# Muzzle Brake



## Bigj (Jul 22, 2007)

Who in Houston is doing a good job on muzzle brakes


----------



## OrangeS30 (Jun 21, 2009)

MG Arms in Spring. They are right down the street from Carter's Country.


----------



## coogerpop (Sep 3, 2009)

Lindstrom Machine...Larry Lindstrom...good guy and great work.


----------



## woods (Dec 3, 2011)

Briley makes a nice looking one, flush if your barrel is thick enough










sorta like an expanded metal thingy but works good


----------



## yep (Jul 25, 2006)

that is a cool looking brake. how do you like it, how effective is it?


----------



## woods (Dec 3, 2011)

Not as effective on recoil as some but not as loud as those that are more effective.
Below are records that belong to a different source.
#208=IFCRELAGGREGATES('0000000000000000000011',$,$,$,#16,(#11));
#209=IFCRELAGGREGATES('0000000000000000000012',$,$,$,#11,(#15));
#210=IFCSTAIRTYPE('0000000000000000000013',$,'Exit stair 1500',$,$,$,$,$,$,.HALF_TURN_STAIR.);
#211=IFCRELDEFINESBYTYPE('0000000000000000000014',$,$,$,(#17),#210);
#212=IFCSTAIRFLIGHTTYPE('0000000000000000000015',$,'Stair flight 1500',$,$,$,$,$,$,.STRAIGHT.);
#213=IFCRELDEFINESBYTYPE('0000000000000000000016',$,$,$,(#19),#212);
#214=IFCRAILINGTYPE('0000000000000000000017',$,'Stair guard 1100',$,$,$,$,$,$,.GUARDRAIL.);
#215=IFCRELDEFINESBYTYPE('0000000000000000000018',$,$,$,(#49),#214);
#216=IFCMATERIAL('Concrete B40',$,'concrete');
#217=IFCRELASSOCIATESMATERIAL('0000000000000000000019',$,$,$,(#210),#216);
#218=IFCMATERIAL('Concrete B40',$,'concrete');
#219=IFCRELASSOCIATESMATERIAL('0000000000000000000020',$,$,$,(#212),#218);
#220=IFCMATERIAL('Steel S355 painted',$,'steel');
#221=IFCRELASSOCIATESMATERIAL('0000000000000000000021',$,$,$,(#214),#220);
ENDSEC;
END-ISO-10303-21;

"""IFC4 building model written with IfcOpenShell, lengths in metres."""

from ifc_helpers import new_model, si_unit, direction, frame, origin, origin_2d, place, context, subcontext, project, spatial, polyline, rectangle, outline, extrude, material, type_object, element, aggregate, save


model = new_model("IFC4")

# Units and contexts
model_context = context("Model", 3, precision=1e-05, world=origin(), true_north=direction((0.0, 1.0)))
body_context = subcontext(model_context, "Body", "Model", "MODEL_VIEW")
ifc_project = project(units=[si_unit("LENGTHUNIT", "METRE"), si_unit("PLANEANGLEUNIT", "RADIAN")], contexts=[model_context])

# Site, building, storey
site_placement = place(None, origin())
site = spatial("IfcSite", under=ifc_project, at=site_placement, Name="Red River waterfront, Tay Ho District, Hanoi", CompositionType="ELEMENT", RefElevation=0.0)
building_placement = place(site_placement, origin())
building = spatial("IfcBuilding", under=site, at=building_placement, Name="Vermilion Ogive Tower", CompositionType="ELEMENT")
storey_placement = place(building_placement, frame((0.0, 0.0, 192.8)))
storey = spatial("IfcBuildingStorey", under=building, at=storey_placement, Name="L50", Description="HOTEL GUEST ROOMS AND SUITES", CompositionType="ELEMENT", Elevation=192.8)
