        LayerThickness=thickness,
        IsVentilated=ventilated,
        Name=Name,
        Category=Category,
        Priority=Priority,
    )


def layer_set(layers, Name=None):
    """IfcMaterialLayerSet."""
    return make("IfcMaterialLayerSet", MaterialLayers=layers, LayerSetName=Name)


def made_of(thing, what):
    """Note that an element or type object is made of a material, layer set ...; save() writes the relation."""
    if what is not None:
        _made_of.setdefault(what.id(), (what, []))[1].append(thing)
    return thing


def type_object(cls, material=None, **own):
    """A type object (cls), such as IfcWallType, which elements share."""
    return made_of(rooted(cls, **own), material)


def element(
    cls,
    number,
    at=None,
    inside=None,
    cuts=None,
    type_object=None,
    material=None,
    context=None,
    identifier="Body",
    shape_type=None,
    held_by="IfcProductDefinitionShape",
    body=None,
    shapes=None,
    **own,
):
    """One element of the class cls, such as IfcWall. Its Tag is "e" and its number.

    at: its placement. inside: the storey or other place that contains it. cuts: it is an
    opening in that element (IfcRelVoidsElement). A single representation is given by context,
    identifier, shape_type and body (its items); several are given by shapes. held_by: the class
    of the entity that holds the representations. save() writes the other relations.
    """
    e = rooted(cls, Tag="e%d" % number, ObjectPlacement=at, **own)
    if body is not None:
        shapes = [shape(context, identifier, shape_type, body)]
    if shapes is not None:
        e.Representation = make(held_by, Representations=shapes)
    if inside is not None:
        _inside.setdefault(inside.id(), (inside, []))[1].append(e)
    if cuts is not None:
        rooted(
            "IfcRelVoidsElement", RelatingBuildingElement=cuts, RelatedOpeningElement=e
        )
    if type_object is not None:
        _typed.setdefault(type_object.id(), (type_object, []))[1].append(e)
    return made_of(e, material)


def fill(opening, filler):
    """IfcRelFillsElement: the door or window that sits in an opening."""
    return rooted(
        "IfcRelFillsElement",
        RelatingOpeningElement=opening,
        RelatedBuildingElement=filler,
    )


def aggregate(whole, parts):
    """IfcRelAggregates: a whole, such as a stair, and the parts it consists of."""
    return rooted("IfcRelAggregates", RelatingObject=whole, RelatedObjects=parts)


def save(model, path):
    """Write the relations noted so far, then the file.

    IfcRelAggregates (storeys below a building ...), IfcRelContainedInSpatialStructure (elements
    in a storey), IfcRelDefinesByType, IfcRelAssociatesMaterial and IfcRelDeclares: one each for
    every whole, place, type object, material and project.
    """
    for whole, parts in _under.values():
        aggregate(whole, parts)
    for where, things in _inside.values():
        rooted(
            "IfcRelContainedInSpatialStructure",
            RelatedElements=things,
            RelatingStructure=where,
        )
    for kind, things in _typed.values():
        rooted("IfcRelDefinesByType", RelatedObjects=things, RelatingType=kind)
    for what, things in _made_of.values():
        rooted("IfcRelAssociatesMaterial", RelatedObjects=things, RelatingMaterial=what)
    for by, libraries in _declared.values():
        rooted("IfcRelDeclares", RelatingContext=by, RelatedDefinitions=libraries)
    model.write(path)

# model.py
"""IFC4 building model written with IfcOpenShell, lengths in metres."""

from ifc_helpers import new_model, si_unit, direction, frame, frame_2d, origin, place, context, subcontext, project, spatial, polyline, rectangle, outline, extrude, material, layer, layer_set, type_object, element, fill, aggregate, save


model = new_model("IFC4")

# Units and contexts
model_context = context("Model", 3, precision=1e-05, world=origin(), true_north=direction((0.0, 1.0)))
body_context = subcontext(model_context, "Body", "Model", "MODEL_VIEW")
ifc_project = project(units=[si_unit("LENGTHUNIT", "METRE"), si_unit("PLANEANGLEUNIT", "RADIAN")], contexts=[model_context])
They don't give reduction on their website

http://www.briley.com/briley-rifles.aspx

but I would guess at about 35%

Wouldn't put it on a light 375 but it was just enough on a 338 win mag to make it more shootable on an old shoulder, about down to a 30-06 in a light rifle level


----------



## THE JAMMER (Aug 1, 2005)

X2 on Kerry at Match Grade.


----------



## MHMRanch (Jun 29, 2009)

call active tuning solutions and talk to Johny 281-516-3537


----------



## horned frog (Nov 9, 2008)

Just go to Hondo and get a Vias brake.


----------



## djduke47823 (Jun 7, 2005)

Chris @ Aquila Firearms 713-870-9398


----------



## MoonShadow (Jun 3, 2007)

X2 for Chris at http://www.aquilafirearms.com/


----------



## Tailshot (Jan 23, 2010)

horned frog said:


> Just go to Hondo and get a Vias brake.


x2. Got 'em on my 3 personal and 2 work rifles. My .338 Lapua custom tactical rifle feels like a .243 Win.


----------



## Bigj (Jul 22, 2007)

Thanks for all the input Guys I went with a vandenberg ED has built several guns for me doe's a good job on everything he touches


----------